Remember, it's a journey. All that red is a good thing. The day I send my MS to a critique partner and don't see a single dot of red I will feel like a failure. Because great writers never stop growing. I don't want to stop. I always want to improve.
You'll get there. You may not be "worse" than last year. Maybe you just had judges who were a little different. Keep working.
Remember, we write because we love to, because we can't NOT write. Publication will come (maybe), but that should never be our aim. We should simply write because we love the art of words. Whatever else comes from that is God's plan for our lives.
Keep going. Imagine if Jesus gave up. If Peter gave up. If Abraham gave up. If Hosea gave up.
There will always be hills to climb, but they make the views so much prettier. 🙂
So you know Mitch takes his HS marching band to about 3-4 different comps every Fall. Every single comp is based on the EXACT SAME score sheet. One weekend they'll score a 75. The next week, with the exact same show that the spent a week improving, and based on the exact same score sheet, they'll score a 60. It is beyond frustrating. But judges judge differently. There are certain standards, certain ways of doing things, but it is still so very subjective.
Yet each judge has something to offer — something to learn from. I'm positive that you could win a competition one year, re-submit the same piece the next year and take last place. 🙂
Karin, I can just hear the frustration and sadness in your post and your email to the loop. I agree with what the others have said–it might be that the judges just found different things. It might not be that you did worse, but that the judges you had this time were better–more knowledgeable, even.

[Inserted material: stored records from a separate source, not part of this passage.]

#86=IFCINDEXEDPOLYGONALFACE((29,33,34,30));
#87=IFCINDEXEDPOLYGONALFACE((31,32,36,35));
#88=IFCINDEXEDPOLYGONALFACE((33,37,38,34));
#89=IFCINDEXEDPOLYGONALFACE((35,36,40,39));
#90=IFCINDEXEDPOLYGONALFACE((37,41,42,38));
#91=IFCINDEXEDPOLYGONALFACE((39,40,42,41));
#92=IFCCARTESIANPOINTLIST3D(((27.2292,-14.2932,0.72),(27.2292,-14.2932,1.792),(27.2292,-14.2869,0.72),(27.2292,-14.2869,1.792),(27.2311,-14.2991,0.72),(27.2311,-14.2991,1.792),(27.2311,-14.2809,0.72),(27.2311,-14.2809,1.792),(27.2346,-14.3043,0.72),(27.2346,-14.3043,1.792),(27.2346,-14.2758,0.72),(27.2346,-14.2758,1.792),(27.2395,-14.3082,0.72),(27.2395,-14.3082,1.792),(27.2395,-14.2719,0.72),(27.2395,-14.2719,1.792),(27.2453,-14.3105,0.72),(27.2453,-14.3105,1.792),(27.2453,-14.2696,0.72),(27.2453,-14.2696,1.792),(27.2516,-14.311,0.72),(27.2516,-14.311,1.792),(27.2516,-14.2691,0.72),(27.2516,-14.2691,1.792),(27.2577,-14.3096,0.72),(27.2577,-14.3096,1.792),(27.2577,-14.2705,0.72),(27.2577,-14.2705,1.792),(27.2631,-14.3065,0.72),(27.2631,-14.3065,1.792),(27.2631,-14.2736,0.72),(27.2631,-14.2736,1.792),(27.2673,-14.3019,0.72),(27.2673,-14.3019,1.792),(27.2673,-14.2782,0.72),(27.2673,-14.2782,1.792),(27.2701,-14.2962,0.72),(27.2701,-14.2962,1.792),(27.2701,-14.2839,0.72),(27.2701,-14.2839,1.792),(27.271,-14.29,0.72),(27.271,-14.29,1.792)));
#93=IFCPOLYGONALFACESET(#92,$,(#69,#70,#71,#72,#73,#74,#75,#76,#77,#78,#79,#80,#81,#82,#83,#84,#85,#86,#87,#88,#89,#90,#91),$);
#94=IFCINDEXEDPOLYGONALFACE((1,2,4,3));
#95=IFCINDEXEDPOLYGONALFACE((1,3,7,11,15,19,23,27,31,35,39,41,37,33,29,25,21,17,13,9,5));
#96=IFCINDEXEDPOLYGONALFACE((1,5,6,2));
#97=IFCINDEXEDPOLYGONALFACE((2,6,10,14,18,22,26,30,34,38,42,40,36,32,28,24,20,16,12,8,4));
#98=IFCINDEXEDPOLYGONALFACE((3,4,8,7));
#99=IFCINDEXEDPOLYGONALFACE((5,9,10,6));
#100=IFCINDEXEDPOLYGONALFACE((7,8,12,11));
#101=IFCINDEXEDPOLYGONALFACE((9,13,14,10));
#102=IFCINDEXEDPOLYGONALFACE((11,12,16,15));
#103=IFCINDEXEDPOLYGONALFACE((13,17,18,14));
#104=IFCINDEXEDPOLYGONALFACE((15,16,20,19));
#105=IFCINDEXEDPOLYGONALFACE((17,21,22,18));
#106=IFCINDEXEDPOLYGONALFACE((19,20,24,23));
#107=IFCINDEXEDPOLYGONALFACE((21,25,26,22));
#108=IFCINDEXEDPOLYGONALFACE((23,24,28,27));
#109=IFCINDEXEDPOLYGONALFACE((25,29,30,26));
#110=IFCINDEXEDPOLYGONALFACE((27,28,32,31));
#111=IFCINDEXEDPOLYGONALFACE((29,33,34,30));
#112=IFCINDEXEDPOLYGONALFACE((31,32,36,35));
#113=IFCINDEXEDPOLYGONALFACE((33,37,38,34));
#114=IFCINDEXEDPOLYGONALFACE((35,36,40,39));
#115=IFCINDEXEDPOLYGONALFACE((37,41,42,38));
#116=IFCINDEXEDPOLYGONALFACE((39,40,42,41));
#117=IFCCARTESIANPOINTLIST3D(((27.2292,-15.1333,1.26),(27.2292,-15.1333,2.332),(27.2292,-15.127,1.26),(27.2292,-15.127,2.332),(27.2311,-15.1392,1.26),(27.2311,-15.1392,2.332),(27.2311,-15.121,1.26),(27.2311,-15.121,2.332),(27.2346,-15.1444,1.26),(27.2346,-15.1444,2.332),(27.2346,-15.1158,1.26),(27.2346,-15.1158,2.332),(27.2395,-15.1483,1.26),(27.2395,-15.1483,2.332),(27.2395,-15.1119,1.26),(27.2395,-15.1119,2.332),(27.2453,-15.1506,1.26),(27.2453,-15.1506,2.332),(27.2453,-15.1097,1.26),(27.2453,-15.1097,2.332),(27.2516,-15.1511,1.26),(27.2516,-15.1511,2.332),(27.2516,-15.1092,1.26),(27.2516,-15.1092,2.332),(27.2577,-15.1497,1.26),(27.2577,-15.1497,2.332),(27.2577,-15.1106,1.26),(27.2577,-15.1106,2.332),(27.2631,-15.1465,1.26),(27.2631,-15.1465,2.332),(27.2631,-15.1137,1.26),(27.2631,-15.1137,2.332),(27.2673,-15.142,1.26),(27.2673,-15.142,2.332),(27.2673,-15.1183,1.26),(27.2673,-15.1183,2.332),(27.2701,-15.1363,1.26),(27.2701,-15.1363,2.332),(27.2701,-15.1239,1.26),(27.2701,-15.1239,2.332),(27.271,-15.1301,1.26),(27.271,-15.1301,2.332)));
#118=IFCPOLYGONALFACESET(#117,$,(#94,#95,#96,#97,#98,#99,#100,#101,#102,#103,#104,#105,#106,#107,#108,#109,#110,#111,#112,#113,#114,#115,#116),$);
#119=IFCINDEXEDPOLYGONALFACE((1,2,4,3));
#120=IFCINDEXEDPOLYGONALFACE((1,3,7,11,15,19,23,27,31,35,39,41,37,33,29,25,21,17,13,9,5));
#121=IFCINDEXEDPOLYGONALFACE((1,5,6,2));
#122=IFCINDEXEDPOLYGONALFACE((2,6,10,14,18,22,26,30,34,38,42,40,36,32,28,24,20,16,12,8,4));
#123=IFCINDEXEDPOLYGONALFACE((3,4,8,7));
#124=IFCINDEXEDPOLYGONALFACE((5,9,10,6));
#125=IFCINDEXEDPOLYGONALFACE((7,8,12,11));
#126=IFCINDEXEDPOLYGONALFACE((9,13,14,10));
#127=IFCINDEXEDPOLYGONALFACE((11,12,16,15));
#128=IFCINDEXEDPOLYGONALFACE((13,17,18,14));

I don't have any magical advice except what I hear over and over from other writers–put it away, have your cry, then look at it later with fresh eyes and a washed-clean heart.

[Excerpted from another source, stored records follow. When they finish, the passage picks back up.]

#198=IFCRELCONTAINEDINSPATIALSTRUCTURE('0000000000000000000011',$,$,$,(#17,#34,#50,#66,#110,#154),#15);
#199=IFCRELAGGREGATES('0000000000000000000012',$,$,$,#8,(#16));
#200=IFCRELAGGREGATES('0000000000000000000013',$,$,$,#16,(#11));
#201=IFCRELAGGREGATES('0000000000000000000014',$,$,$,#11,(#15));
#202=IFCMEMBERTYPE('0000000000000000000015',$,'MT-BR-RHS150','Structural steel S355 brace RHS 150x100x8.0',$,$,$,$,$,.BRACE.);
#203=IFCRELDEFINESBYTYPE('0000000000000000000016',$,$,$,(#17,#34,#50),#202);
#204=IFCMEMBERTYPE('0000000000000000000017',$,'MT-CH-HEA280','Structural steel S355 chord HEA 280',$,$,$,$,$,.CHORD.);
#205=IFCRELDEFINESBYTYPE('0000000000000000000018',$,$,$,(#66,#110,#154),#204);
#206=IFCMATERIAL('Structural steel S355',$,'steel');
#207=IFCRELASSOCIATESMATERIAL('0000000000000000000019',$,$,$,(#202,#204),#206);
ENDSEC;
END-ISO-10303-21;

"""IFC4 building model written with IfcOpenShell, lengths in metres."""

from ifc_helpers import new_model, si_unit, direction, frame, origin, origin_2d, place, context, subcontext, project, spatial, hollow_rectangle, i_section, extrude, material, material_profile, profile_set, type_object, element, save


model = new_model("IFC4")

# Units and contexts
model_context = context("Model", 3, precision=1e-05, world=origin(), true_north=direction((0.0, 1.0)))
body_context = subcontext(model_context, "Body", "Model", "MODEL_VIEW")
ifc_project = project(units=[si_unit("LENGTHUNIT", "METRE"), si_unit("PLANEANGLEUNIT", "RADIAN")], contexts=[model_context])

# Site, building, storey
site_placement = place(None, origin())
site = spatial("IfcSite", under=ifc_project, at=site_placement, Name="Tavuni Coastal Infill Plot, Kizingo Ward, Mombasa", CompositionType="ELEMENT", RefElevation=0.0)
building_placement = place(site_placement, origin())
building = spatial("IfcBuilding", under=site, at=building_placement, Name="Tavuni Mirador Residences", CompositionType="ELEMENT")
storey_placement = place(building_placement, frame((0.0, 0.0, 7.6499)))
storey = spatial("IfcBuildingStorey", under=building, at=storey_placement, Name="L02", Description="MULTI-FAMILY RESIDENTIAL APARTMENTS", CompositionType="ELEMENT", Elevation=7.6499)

I'm so sorry this is so rough, but know that I'm praying for you today.
Karin, could you set aside this manuscript and start a new one? Lots of people have done that to go on to publish their 2nd or 3rd or 10th manuscript. Ask Randy Ingermanson or any number of now published authors.
I was thinking of Shirley Jump–do you know her? She's a New York Times Bestseller author who lives in Indiana. IDK if she entered contests but she kept sending manuscripts to Harlequin romantic suspense. The last one she got back the editor was pretty blunt and told her she was terrible. She got another envelope back and instead of opening it for more pain, she threw it into the trash! Her husband fished it out. Seems that she had sent in ONE manuscript, a romantic comedy, to another line and it was accepted! She wouldn't even have known if not for her husband.
I boo-hooed something awful when she told that story at a small conference. It resonated with EVERY author of all stages in that room!
Don't give up. Hold on to your ripped and wept over manuscript. Put it aside. Get some excitement with your writing buddies and start a new one. Keep learning.
You wouldn't be a true writer if it didn't mean so much to you. (((Big Hug)))
Keep your chin up … and know that there is a whole community here to support you!
As an aside, I think your sense of personal responsibility (in not taking the easy way out and blaming the judges) is noble. And I think that sort of honesty often makes for a good writer. I hope you'll stick with it.